Unread postby TigerTally » Tue Nov 27, 2012 8:54 am

Actually I don't think Sima Yi and Cao Shuang should be connected to any kind of regentship, though it really depends on how one define "regency" at the first place.

Personally I won't consider their case as being regent because they were just following the last emperor's will to assist the young successor, and none of them had put himself as the head of the state like Wang Mang, the self-proclaimed "acting emperor" in the Western Han.

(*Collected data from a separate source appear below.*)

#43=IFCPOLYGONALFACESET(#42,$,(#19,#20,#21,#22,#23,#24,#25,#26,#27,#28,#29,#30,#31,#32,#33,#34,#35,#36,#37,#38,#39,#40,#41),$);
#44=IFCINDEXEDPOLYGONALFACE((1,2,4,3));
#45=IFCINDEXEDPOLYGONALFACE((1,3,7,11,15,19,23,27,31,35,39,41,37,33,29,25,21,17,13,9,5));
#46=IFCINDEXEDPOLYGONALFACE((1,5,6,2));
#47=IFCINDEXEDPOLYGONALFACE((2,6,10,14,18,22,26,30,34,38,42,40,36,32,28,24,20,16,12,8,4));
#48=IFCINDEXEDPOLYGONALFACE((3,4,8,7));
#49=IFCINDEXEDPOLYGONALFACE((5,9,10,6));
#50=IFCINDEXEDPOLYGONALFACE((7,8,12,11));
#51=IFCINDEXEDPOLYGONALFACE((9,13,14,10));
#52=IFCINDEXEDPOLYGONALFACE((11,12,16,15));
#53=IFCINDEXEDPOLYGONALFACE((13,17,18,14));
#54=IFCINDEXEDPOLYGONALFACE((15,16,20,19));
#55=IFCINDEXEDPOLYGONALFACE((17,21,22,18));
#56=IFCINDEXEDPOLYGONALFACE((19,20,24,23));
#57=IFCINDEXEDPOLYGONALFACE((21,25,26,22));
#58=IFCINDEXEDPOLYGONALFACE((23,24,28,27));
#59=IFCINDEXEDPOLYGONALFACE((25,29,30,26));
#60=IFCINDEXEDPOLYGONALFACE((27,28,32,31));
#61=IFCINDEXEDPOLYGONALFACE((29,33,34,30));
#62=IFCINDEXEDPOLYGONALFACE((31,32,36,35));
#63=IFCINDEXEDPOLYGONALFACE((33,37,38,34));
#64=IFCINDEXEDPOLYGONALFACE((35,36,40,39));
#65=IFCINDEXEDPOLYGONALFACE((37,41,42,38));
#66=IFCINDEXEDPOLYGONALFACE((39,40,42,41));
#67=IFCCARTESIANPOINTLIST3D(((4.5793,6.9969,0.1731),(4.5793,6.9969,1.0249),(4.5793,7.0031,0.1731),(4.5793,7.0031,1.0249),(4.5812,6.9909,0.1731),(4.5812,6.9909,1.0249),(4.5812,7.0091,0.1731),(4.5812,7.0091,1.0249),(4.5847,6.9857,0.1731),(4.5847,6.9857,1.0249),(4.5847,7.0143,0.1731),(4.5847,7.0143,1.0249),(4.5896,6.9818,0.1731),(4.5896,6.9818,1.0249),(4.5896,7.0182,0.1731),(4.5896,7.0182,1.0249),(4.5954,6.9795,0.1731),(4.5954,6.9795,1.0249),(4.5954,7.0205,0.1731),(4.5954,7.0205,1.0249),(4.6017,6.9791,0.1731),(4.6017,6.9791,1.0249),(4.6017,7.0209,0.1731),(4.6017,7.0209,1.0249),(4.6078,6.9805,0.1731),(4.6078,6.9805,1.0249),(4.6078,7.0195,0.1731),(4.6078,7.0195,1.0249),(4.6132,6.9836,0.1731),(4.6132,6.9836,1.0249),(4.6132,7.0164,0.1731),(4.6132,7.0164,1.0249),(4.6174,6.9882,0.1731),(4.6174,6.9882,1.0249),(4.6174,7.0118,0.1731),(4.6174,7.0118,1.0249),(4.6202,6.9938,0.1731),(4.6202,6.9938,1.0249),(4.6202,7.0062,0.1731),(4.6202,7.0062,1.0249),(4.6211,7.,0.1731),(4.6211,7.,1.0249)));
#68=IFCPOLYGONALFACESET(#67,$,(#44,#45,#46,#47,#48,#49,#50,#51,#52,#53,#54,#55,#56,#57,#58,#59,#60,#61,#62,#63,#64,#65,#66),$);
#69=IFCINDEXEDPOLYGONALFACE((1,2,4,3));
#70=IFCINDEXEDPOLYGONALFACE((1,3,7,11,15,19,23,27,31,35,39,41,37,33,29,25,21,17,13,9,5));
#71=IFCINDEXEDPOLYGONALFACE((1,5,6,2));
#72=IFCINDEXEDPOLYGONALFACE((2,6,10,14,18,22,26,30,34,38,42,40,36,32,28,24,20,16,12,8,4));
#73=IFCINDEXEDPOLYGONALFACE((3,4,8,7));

About Liu Bei's apparent absence of posthumous honoring for his recent ancestors, we just don't know whether he had done it or not (instead of confirming that he had never done it). Pei Songzhi's remark is noteworthy about this issue:

先主雖云出自孝景,而世數悠遠,昭穆難明,既紹漢祚,不知以何帝為元祖以立親廟。于時英賢作輔,儒生在宮,宗廟制度,必有憲章,而載記闕略,良可恨哉!
Even though the First Sovereignty (Liu Bei) claimed himself a descendant of Emperor [Xiao] Jing, still many generations had been passed and too distant to be traced, so the temple's arrangement (of Shu-Han) was hardly clear. Despite its (Shu-Han's) inheritance of Han's throne, which emperor was the high ancestor for its (Shu-Han's) establishment of ancestral temple was not known. At that time many talented worthies were assisting the First Sovereignty (Liu Bei), with the Confucian scholars serving in the palace. The system and institution of the ancestral temple (of Shu-Han) should have its own regular constitution, but the recorded accounts were either missing or omitted, just how regrettable it is!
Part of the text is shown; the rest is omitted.